Dari jarak sekitar 30 meter saya lihat seorang pria berbaju batik membungkuk di pinggir got berair kehitaman itu. Tangannya memegang serok, dia celupkan ke air. Tebakan saya benar. Dia mencari ikan cere atau céthul atau dhédhuk (Gambusia affinis). Hasil penyerokan dia tampung dalam ember bekas wadah cat.
Waktu bocah, usia delapan sampai sembilan tahun, saya kadang mencari cere di Kali Nongko, Salatiga, Jateng. Tetapi saat itu kalinya bersih. Hamparan kerikil dan pasir di dasar sungai tampak jelas, terutama di bagian dangkal, cuma selutut anak.
Saya tak menangkapnya dengan serok karena tak punya. Cukup memanfaatkan kantong plastik dan kadang dengan wadah bekas. Hasilnya, paling banyak sepuluh ekor, saya bawa pulang, lalu saya pindahkan ember. Siang saat ikan, esok paginya ikan itu mati — mungkin nyawa mereka tercabut malam sebelumnya. Saya tak tahu bahwa mereka butuh oksigen. Tetapi di air kotor kok mereka bertahan ya? Atau mungkin mereka tewas karena tak saya beri makan?
Meskipun sudah tahu, saya masih menanya Pak Batik itu, “Nyari apa, Pak?”
“Gapi,” jawabnya. Maksudnya guppy. Baru tahu saya, cere juga disebut guppy. Selama mengenai guppy sebagai ikan mungil cantik. Ternyata cere, yang doyan nyamuk (atau jentik?), sehingga disebut mosquito fish, itu termasuk guppy.

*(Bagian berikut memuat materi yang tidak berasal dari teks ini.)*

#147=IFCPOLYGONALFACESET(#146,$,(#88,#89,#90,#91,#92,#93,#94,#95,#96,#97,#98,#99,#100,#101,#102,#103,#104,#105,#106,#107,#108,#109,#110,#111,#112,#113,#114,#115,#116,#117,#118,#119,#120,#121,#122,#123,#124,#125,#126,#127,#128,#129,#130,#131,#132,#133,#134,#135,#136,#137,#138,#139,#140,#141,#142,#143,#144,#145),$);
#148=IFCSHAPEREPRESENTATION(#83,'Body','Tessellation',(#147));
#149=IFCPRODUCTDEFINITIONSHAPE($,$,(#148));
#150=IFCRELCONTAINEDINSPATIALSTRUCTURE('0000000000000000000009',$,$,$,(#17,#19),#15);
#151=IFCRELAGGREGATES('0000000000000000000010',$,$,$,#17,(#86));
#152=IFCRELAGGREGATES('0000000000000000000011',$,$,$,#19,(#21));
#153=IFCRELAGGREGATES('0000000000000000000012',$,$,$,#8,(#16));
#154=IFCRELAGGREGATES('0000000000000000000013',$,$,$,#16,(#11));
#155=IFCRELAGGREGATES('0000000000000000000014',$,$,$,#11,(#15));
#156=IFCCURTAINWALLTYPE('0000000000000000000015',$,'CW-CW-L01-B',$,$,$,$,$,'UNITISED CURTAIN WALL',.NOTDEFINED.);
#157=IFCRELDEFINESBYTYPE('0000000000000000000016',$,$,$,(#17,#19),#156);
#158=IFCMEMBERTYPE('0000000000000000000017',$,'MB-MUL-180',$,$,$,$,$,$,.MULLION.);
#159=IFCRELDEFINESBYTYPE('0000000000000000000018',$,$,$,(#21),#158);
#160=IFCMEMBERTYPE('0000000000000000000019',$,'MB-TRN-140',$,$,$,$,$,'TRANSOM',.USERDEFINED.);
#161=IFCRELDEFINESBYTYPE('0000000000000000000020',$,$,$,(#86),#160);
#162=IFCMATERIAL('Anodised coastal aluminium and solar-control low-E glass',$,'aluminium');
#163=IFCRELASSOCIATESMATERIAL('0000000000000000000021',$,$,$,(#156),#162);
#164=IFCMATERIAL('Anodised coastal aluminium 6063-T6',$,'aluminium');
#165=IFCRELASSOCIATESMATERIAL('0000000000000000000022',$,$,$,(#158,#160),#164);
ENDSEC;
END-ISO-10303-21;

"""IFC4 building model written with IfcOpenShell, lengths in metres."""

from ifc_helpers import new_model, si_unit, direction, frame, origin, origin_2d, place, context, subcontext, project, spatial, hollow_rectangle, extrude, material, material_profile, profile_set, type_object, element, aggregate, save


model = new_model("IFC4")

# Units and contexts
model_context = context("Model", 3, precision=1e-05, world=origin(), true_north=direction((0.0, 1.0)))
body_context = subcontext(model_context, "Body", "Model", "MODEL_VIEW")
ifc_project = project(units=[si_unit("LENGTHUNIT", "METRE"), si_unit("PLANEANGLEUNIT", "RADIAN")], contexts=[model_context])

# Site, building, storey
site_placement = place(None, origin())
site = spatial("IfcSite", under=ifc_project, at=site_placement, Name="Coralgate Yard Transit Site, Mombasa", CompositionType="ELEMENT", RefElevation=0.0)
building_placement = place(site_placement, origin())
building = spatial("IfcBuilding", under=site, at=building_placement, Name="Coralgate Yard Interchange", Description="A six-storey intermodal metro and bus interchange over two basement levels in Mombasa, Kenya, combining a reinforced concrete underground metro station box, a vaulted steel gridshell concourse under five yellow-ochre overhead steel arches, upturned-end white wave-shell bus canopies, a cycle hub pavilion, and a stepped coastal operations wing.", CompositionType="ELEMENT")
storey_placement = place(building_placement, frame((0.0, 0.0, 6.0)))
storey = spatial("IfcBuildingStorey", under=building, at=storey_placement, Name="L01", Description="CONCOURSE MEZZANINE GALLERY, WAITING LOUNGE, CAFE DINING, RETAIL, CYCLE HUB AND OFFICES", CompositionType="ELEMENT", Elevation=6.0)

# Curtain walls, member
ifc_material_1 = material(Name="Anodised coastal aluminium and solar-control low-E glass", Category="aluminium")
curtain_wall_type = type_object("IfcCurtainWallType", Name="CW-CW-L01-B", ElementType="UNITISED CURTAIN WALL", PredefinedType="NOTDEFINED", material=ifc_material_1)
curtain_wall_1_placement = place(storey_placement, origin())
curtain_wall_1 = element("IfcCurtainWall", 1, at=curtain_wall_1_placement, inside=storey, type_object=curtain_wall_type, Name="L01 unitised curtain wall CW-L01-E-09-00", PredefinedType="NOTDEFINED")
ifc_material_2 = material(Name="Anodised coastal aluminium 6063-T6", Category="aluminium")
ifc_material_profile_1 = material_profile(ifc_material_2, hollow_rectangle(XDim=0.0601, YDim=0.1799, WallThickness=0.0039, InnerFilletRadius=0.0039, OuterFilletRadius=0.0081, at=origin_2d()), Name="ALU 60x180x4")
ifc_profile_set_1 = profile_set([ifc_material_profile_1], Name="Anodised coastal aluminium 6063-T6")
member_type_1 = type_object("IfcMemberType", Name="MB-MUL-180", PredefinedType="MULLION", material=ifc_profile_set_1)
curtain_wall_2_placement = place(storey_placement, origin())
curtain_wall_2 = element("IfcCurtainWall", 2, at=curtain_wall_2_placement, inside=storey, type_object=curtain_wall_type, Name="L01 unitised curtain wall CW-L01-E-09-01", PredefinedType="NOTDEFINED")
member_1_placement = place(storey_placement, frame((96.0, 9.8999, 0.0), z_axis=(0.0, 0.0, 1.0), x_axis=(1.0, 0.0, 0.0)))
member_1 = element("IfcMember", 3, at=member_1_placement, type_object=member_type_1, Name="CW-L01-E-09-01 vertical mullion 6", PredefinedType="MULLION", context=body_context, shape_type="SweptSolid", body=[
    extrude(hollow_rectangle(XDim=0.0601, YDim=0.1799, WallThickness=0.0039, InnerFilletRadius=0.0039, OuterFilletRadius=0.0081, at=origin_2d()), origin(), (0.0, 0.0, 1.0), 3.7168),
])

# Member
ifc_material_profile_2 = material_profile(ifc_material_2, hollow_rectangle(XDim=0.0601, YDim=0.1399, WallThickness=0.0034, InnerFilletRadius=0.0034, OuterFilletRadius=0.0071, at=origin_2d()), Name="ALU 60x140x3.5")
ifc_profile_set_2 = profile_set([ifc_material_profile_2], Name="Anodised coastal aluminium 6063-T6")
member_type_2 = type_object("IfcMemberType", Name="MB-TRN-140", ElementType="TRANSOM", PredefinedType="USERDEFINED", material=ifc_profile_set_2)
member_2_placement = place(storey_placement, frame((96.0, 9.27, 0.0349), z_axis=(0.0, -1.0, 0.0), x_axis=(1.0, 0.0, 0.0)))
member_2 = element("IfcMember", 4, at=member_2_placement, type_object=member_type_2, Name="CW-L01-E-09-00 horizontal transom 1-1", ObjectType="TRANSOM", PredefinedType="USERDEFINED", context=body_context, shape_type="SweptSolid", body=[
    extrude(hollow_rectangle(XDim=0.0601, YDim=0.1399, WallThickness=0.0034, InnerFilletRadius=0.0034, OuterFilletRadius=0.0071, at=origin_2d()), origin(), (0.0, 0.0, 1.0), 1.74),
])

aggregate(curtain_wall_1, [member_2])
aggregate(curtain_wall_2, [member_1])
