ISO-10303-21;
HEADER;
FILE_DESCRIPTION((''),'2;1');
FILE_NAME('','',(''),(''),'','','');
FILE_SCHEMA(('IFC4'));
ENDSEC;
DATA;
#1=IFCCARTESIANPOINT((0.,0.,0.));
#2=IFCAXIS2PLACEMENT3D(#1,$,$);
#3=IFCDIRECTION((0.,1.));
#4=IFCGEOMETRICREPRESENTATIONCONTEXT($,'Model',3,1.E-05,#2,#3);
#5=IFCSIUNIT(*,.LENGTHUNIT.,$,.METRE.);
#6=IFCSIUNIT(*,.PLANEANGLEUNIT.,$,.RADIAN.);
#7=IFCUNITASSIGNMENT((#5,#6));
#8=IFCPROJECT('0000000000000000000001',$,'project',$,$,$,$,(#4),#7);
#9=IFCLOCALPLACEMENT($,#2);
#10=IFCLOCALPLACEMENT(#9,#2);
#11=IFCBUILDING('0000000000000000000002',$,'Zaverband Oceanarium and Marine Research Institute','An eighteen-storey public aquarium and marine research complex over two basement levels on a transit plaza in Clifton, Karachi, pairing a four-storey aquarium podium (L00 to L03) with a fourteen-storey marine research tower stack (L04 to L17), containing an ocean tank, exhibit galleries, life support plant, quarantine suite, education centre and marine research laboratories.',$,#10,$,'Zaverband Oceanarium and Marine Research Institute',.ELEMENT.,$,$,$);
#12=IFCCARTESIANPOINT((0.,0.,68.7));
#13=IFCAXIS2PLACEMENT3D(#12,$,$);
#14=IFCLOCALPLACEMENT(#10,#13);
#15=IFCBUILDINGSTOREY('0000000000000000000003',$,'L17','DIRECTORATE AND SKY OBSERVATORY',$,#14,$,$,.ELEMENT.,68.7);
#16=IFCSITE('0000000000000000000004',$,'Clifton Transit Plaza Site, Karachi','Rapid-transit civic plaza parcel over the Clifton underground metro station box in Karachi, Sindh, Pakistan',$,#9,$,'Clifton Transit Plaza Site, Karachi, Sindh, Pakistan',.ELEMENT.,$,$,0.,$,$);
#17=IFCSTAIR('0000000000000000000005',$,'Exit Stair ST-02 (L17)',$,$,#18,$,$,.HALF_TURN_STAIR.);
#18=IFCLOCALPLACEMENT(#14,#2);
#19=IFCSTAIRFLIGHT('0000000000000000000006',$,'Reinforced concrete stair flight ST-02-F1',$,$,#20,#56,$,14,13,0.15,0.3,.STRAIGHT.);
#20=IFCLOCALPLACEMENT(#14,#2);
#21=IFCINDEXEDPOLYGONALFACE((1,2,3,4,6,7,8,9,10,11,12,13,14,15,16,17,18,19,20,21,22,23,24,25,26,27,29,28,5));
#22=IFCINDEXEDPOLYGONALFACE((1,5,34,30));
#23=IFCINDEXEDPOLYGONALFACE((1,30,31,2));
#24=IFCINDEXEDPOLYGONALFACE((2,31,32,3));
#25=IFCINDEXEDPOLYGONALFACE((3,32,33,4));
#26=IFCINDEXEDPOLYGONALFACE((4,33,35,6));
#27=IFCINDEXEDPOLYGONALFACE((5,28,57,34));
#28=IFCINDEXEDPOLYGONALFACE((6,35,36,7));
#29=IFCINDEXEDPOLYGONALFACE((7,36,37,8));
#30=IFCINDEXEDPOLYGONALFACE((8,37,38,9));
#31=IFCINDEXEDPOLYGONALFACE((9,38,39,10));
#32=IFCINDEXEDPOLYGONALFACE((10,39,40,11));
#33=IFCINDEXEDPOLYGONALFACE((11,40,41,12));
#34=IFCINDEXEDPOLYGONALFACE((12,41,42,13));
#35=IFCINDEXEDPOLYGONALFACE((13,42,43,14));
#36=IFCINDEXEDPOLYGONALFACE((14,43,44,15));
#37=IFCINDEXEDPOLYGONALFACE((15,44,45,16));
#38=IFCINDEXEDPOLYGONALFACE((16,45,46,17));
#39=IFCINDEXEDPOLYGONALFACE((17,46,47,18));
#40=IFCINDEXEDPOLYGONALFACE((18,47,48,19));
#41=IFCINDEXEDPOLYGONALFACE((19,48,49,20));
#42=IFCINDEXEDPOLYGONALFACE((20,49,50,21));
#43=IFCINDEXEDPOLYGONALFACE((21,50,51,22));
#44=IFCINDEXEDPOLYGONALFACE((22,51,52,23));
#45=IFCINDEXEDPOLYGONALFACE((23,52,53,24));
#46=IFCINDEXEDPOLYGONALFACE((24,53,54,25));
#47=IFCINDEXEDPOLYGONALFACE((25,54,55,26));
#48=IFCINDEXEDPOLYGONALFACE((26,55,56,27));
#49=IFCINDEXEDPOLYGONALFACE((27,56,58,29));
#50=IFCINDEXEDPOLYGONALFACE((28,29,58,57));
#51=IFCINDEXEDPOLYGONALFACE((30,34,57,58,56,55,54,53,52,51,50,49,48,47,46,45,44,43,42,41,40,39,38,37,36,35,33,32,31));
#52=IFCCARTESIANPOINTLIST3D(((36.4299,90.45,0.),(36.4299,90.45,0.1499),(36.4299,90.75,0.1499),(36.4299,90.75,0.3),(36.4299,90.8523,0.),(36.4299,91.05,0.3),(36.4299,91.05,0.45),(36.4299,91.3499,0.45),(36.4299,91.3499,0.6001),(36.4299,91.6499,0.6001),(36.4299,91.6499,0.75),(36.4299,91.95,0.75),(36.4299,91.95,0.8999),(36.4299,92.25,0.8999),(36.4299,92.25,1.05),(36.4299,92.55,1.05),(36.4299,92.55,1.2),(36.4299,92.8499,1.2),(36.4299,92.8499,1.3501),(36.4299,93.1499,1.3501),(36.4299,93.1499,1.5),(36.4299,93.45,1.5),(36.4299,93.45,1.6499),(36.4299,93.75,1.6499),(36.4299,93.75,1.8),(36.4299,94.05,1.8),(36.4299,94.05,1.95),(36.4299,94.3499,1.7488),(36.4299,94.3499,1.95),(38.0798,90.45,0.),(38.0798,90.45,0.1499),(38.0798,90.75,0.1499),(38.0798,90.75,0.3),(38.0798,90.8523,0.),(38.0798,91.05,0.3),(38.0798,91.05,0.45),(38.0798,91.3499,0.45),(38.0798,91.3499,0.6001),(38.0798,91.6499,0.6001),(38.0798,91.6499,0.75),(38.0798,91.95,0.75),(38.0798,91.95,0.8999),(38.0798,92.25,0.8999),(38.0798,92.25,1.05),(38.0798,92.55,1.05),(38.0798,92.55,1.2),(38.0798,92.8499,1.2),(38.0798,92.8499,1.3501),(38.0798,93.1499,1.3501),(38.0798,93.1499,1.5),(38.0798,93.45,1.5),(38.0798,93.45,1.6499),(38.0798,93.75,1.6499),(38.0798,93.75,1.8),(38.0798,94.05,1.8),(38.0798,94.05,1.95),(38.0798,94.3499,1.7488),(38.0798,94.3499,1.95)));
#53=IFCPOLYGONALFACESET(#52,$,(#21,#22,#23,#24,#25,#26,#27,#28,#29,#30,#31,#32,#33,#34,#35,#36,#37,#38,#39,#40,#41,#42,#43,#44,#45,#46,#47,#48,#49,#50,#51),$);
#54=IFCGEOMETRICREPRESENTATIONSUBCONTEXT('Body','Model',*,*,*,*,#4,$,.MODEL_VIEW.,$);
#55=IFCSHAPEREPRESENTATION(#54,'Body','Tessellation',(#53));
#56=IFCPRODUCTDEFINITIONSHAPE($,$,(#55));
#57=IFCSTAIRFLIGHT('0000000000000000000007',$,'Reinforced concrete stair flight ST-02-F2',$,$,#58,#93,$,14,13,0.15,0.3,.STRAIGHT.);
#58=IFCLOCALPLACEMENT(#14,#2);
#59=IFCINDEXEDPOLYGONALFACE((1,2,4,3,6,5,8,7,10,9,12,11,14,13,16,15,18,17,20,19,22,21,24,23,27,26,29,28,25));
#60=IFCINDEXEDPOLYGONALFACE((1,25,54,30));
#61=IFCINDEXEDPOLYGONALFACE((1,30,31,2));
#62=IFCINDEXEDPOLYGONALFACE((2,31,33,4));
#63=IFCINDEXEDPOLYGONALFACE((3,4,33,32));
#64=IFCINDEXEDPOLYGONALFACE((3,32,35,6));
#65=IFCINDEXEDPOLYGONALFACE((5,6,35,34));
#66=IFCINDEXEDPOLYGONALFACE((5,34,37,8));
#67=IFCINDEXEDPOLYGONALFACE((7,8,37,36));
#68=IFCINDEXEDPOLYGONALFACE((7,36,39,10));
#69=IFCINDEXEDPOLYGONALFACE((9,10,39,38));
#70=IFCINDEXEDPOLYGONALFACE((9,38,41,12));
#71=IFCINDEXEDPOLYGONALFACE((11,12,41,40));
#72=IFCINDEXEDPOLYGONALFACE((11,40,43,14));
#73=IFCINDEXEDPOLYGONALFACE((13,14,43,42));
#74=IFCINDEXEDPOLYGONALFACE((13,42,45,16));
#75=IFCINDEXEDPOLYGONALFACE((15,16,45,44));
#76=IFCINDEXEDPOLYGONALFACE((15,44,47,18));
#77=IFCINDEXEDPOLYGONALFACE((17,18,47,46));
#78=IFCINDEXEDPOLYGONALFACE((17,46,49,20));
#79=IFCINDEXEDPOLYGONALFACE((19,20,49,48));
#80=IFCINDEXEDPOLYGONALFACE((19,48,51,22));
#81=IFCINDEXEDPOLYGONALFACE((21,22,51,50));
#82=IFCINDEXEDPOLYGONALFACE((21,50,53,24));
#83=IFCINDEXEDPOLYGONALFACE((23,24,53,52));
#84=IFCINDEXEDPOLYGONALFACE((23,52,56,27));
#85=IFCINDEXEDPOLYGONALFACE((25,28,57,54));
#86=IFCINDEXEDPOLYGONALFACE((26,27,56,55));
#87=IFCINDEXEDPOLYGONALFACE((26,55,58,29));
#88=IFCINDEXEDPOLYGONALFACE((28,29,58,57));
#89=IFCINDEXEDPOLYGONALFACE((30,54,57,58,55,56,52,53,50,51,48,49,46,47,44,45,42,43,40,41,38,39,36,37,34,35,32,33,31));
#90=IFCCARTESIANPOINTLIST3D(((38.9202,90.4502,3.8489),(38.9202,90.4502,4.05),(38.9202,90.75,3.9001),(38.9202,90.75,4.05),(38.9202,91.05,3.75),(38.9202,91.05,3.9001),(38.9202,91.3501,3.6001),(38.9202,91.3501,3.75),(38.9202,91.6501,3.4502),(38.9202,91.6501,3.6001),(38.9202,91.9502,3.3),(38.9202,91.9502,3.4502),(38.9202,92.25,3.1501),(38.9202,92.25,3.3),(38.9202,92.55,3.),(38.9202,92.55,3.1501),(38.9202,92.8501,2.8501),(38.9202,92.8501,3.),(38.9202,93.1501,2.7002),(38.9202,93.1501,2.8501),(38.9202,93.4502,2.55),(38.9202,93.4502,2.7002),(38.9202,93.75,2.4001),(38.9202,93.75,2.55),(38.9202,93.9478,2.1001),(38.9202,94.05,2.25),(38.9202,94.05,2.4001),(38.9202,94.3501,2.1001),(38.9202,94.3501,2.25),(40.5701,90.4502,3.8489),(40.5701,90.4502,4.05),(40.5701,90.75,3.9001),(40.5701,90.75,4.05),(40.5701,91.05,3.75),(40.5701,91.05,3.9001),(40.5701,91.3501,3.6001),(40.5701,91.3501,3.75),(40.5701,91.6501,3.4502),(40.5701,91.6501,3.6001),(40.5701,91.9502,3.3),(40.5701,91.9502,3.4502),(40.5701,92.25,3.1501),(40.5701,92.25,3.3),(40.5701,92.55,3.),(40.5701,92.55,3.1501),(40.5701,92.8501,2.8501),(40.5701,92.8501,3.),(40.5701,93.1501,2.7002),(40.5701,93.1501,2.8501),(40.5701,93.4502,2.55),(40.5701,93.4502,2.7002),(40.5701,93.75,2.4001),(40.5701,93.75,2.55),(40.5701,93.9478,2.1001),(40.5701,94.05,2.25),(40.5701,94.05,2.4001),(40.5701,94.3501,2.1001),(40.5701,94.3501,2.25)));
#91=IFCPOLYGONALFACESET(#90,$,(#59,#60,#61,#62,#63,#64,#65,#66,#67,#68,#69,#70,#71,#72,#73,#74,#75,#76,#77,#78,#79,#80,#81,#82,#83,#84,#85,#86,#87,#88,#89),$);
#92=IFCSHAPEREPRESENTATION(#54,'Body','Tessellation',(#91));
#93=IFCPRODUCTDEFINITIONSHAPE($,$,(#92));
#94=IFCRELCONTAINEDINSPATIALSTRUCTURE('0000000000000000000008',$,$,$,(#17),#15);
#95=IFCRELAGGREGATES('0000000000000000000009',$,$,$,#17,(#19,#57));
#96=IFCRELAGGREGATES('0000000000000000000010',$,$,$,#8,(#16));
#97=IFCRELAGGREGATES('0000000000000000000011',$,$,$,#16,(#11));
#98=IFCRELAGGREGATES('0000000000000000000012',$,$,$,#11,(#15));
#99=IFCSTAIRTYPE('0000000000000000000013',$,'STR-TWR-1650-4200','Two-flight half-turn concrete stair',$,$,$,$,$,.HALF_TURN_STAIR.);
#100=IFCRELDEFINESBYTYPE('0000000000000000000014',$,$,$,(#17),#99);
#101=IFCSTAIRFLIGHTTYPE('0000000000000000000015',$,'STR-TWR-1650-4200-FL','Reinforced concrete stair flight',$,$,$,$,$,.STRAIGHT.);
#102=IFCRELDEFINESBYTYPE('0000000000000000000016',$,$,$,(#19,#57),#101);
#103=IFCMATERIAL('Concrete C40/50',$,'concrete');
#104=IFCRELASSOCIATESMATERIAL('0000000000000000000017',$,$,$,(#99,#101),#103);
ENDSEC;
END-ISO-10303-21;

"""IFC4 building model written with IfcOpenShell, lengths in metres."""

from ifc_helpers import new_model, si_unit, direction, frame, origin, place, context, subcontext, project, spatial, polyline, outline, extrude, material, type_object, element, aggregate, save


model = new_model("IFC4")

# Units and contexts
model_context = context("Model", 3, precision=1e-05, world=origin(), true_north=direction((0.0, 1.0)))
body_context = subcontext(model_context, "Body", "Model", "MODEL_VIEW")
ifc_project = project(units=[si_unit("LENGTHUNIT", "METRE"), si_unit("PLANEANGLEUNIT", "RADIAN")], contexts=[model_context])

# Site, building, storey
site_placement = place(None, origin())
site = spatial("IfcSite", under=ifc_project, at=site_placement, Name="Clifton Transit Plaza Site, Karachi", Description="Rapid-transit civic plaza parcel over the Clifton underground metro station box in Karachi, Sindh, Pakistan", LongName="Clifton Transit Plaza Site, Karachi, Sindh, Pakistan", CompositionType="ELEMENT", RefElevation=0.0)
building_placement = place(site_placement, origin())
building = spatial("IfcBuilding", under=site, at=building_placement, Name="Zaverband Oceanarium and Marine Research Institute", Description="An eighteen-storey public aquarium and marine research complex over two basement levels on a transit plaza in Clifton, Karachi, pairing a four-storey aquarium podium (L00 to L03) with a fourteen-storey marine research tower stack (L04 to L17), containing an ocean tank, exhibit galleries, life support plant, quarantine suite, education centre and marine research laboratories.", LongName="Zaverband Oceanarium and Marine Research Institute", CompositionType="ELEMENT")
storey_placement = place(building_placement, frame((0.0, 0.0, 68.7)))
storey = spatial("IfcBuildingStorey", under=building, at=storey_placement, Name="L17", Description="DIRECTORATE AND SKY OBSERVATORY", CompositionType="ELEMENT", Elevation=68.7)

# Shared definitions
ifc_material_1 = material(Name="Concrete C40/50", Category="concrete")

# Stair, stair flights
stair_type = type_object("IfcStairType", Name="STR-TWR-1650-4200", Description="Two-flight half-turn concrete stair", PredefinedType="HALF_TURN_STAIR", material=ifc_material_1)
stair_placement = place(storey_placement, origin())
stair = element("IfcStair", 1, at=stair_placement, inside=storey, type_object=stair_type, Name="Exit Stair ST-02 (L17)", PredefinedType="HALF_TURN_STAIR")
stair_flight_type = type_object("IfcStairFlightType", Name="STR-TWR-1650-4200-FL", Description="Reinforced concrete stair flight", PredefinedType="STRAIGHT", material=ifc_material_1)
stair_flight_1_placement = place(storey_placement, frame((37.2549, 90.45, 0.0), z_axis=(0.0, 0.0, 1.0), x_axis=(0.0, 1.0, 0.0)))
stair_flight_1 = element("IfcStairFlight", 2, at=stair_flight_1_placement, type_object=stair_flight_type, Name="Reinforced concrete stair flight ST-02-F1", NumberOfRisers=14, NumberOfTreads=13, PredefinedType="STRAIGHT", RiserHeight=0.15, TreadLength=0.3, context=body_context, shape_type="SweptSolid", body=[
    extrude(outline(polyline([(0.0, 0.0), (0.0, 0.1499), (0.3, 0.1499), (0.3, 0.3), (0.6001, 0.3), (0.6001, 0.45), (0.8999, 0.45), (0.8999, 0.6001), (1.2, 0.6001), (1.2, 0.75), (1.5, 0.75), (1.5, 0.8999), (1.8, 0.8999), (1.8, 1.05), (2.1001, 1.05), (2.1001, 1.2), (2.3999, 1.2), (2.3999, 1.3501), (2.7, 1.3501), (2.7, 1.5), (3.0, 1.5), (3.0, 1.6499), (3.3, 1.6499), (3.3, 1.8), (3.6001, 1.8), (3.6001, 1.95), (3.8999, 1.95), (3.8999, 2.1001), (3.8999, 1.7488), (0.4023, 0.0), (0.0, 0.0)])), frame((0.0, 0.825, 0.0), z_axis=(0.0, -1.0, 0.0), x_axis=(1.0, 0.0, 0.0)), (0.0, 0.0, 1.0), 1.6499),
])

Daya tahan cere itu tinggi. Sayang juga kalau dia sampai habis di got karena predator nyamuk tiada. Pak Batik mencari cere untuk pakan ikan gabus atau kutuk (Channa striata) yang dia ternakkan.
Cere, atau cecere, sering menjadi kiasan untuk orang-orang yang layak disepelekan, atau rakyat jelata baladhupak pidak pedarakan.
Ikan cere berasal dari Amerika Selatan, masuk ke perairan tawar Indonesia sekitar 1920. Di Sungai Brantas, Surabaya dan sekitarnya, insang dan saluran pencernaan cere tercemar mikroplastik (¬ Unair News).